Some great advice for starting out in local politics from Berkeley political science PhD student Rachel Bernhard:
Consider joining a commission or the local branch of your party (Democratic, Republican, whatever). Pick a commission if you feel more urgency about tackling policy issues in your area, and pick a party if you feel more urgency about changing what issues your party is focused on or how it connects with people.
A board or commission–in most places they’re the same thing–usually meet on some intermittent schedule (like an evening once a month) that focuses on one policy area: police oversight, economic development, the status of women, schools, etc. You get to hear what’s going on in your city from the people working on those things (e.g., the police chief), and on the basis of what you hear, make recommendations about what should be done. Most cities and states post vacancies on their websites, so start there.
Your party may have a local club or a county committee; how parties are structured varies a lot by state. Parties decide who to endorse in local races, help raise money for those candidates, and establish platforms (what issues they’re going to prioritize in your area, and sometimes how they think it would be best to solve them). They also tend to have regular meetings, and often host educational events with speakers too.
If you wanted to, you could certainly do both, but I’d suggest starting with one and seeing how it fits in your schedule. Prioritize long-term sustainability of commitment when you are giving up your time: change is made by those who show up regularly.

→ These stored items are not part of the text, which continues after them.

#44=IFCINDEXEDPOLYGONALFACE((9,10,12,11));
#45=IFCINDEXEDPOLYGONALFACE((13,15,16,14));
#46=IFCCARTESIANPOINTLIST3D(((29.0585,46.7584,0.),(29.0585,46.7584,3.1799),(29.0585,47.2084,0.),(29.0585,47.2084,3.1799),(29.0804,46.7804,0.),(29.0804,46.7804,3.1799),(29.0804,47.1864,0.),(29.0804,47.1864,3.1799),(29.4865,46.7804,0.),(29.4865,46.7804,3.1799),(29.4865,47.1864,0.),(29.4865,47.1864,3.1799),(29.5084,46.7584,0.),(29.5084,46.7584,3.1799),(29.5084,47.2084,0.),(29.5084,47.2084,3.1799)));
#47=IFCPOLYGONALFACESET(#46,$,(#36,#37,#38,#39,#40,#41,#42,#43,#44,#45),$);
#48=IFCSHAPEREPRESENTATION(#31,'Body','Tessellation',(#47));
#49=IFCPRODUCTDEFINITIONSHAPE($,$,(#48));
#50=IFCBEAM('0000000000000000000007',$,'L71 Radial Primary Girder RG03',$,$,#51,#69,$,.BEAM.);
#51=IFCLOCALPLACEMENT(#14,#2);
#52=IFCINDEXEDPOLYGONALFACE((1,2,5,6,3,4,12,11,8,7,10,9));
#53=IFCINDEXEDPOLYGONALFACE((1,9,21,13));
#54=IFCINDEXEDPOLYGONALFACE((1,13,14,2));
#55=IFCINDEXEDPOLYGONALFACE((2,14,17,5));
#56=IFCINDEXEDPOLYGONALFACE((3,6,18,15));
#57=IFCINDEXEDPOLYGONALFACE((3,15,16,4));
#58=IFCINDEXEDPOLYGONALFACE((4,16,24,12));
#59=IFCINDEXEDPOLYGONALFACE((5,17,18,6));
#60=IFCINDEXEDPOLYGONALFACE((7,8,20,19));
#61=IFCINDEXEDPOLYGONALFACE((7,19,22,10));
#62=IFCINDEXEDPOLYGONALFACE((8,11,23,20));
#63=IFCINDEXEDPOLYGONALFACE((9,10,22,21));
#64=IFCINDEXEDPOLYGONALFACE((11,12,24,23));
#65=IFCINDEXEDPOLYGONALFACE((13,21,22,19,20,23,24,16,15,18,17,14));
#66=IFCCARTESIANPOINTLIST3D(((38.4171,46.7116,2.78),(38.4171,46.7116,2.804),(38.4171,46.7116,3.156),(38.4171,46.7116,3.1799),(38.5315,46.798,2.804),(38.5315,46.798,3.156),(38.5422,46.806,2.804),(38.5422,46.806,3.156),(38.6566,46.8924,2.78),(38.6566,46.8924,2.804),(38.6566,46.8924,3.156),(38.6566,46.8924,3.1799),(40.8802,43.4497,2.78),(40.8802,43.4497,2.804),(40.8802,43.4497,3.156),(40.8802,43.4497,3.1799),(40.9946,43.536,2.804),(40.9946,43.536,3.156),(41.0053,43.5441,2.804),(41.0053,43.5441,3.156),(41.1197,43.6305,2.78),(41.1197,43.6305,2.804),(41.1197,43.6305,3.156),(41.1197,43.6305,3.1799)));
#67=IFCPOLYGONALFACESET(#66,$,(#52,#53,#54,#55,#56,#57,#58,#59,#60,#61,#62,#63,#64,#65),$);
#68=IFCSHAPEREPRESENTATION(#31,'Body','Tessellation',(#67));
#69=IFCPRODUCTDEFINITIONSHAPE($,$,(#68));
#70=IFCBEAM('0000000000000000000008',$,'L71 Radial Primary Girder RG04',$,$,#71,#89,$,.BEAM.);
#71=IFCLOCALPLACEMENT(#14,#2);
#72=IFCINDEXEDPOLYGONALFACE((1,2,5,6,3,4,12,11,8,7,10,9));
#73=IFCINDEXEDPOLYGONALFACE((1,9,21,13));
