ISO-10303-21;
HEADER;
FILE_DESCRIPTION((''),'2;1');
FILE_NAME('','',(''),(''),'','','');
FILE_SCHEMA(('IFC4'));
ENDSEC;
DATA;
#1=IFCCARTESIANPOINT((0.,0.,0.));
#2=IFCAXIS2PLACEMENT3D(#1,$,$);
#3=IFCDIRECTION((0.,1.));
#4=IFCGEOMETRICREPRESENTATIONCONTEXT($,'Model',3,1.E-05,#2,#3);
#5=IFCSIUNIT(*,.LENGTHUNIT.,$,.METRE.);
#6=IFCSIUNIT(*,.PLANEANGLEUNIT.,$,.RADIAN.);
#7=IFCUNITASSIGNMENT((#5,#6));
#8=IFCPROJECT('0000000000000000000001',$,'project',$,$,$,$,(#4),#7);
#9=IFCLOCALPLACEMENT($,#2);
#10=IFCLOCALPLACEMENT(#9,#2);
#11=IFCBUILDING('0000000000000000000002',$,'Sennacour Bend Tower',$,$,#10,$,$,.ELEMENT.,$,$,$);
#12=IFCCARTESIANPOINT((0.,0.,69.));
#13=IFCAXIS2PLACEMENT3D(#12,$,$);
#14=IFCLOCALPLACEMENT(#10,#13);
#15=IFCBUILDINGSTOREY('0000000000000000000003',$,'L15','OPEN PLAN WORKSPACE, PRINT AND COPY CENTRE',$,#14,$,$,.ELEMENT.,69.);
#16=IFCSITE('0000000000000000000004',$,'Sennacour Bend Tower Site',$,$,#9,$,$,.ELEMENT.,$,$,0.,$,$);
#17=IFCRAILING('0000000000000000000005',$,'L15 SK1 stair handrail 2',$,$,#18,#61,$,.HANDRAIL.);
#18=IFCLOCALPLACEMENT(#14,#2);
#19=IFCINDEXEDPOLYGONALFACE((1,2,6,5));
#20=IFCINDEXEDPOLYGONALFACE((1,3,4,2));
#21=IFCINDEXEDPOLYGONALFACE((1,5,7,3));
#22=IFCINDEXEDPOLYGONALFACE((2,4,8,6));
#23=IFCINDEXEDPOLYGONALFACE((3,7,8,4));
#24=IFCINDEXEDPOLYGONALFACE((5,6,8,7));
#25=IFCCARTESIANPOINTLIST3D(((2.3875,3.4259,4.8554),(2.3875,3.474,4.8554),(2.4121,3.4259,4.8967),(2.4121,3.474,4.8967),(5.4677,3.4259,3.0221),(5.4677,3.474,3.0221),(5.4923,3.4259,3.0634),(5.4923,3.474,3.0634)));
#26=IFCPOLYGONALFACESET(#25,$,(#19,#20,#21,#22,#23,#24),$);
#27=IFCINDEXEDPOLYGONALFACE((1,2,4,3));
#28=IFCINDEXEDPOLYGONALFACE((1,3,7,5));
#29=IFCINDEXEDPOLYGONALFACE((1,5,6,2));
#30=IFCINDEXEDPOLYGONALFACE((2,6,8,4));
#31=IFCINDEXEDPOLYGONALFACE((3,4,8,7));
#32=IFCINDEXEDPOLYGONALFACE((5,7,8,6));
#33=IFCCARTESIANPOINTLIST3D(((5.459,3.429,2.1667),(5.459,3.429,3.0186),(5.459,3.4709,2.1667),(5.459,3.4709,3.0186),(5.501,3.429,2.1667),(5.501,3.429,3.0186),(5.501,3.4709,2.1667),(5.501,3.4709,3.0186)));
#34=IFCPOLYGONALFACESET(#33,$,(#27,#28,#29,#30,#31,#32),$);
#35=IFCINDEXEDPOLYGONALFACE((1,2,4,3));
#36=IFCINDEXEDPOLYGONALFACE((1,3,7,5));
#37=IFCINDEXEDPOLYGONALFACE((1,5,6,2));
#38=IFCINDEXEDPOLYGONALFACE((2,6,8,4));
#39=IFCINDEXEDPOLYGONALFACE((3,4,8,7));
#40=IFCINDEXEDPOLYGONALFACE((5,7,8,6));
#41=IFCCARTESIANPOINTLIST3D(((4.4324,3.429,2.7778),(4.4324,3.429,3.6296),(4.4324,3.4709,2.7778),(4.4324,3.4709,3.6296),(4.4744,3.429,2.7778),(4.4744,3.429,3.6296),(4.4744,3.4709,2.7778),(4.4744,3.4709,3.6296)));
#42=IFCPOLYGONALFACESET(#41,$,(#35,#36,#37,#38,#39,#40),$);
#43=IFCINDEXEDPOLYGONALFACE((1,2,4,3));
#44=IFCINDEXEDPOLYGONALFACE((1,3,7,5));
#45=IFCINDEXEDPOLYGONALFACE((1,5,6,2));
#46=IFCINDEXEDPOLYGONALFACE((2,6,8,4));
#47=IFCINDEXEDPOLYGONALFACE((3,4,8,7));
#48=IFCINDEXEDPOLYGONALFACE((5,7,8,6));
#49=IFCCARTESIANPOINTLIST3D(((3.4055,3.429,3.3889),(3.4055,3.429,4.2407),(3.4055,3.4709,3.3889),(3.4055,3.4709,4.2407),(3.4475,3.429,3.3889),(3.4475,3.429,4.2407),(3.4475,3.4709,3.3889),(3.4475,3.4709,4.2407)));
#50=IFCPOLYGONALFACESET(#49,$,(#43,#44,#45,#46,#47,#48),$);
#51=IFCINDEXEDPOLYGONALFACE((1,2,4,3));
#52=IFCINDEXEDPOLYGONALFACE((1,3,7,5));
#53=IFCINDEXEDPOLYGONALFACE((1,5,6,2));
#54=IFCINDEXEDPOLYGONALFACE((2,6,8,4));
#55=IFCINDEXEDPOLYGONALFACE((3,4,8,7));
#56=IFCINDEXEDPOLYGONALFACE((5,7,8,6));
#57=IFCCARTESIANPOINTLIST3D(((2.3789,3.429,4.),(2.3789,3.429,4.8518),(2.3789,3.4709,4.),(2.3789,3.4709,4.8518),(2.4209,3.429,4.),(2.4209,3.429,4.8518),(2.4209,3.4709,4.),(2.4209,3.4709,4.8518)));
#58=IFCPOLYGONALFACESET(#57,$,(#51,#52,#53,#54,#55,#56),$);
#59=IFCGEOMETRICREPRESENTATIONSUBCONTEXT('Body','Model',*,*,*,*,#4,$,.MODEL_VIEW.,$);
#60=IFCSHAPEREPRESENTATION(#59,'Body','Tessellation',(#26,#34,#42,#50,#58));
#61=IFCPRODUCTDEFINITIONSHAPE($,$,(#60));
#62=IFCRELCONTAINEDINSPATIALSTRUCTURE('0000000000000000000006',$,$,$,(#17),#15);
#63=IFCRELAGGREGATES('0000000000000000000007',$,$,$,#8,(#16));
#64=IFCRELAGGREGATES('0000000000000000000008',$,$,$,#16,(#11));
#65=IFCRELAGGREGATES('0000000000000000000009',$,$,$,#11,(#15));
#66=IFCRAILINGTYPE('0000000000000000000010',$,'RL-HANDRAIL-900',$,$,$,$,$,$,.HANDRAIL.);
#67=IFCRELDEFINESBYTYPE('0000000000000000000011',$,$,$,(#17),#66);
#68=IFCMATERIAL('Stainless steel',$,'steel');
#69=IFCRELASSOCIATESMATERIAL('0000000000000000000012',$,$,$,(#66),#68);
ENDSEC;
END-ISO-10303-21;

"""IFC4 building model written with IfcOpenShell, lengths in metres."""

from ifc_helpers import new_model, si_unit, direction, frame, origin, origin_2d, place, context, subcontext, project, spatial, rectangle, extrude, material, type_object, element, save


model = new_model("IFC4")

# Units and contexts
model_context = context("Model", 3, precision=1e-05, world=origin(), true_north=direction((0.0, 1.0)))
body_context = subcontext(model_context, "Body", "Model", "MODEL_VIEW")
ifc_project = project(units=[si_unit("LENGTHUNIT", "METRE"), si_unit("PLANEANGLEUNIT", "RADIAN")], contexts=[model_context])

# Site, building, storey
site_placement = place(None, origin())
site = spatial("IfcSite", under=ifc_project, at=site_placement, Name="Sennacour Bend Tower Site", CompositionType="ELEMENT", RefElevation=0.0)
building_placement = place(site_placement, origin())
building = spatial("IfcBuilding", under=site, at=building_placement, Name="Sennacour Bend Tower", CompositionType="ELEMENT")
storey_placement = place(building_placement, frame((0.0, 0.0, 69.0)))
storey = spatial("IfcBuildingStorey", under=building, at=storey_placement, Name="L15", Description="OPEN PLAN WORKSPACE, PRINT AND COPY CENTRE", CompositionType="ELEMENT", Elevation=69.0)

# Railing
ifc_material_1 = material(Name="Stainless steel", Category="steel")
railing_type_1 = type_object("IfcRailingType", Name="RL-HANDRAIL-900", PredefinedType="HANDRAIL", material=ifc_material_1)
railing_1_placement = place(storey_placement, frame((5.48, 3.45, 2.1667)))
element("IfcRailing", 1, at=railing_1_placement, inside=storey, type_object=railing_type_1, Name="L15 SK1 stair handrail 2", PredefinedType="HANDRAIL", context=body_context, shape_type="SweptSolid", body=[
    extrude(rectangle(XDim=0.0481, YDim=0.0481, at=origin_2d()), frame((0.0, 0.0, 0.876), z_axis=(-0.859309, 0.0, 0.511458), x_axis=(0.0, -1.0, 0.0)), (0.0, 0.0, 1.0), 3.5845),
    extrude(rectangle(XDim=0.042, YDim=0.042, at=origin_2d()), origin(), (0.0, 0.0, 1.0), 0.8518),
    extrude(rectangle(XDim=0.042, YDim=0.042, at=origin_2d()), frame((-1.0266, 0.0, 0.6111)), (0.0, 0.0, 1.0), 0.8518),
    extrude(rectangle(XDim=0.042, YDim=0.042, at=origin_2d()), frame((-2.0535, 0.0, 1.2222)), (0.0, 0.0, 1.0), 0.8518),
    extrude(rectangle(XDim=0.042, YDim=0.042, at=origin_2d()), frame((-3.0801, 0.0, 1.8333)), (0.0, 0.0, 1.0), 0.8518),
])

save(model, "model.ifc")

This is unsexy stuff. There’s no Barack Obama (yet…stay tuned), no protesting in the streets, no Spanish-language posters calling Donald Trump a pendejo in the bathroom. That’s why it’s so important that you, average lady or gentleman or gender non-binary that you are, show up. You have an important voice and perspective: I know this because I see it in my newsfeed every day. If we want our politics to change–not just our president to change, but the day-to-day governance of our people–so that something like what we are facing now can never happen again, we have to roll up our shirtsleeves and get into the dirt together.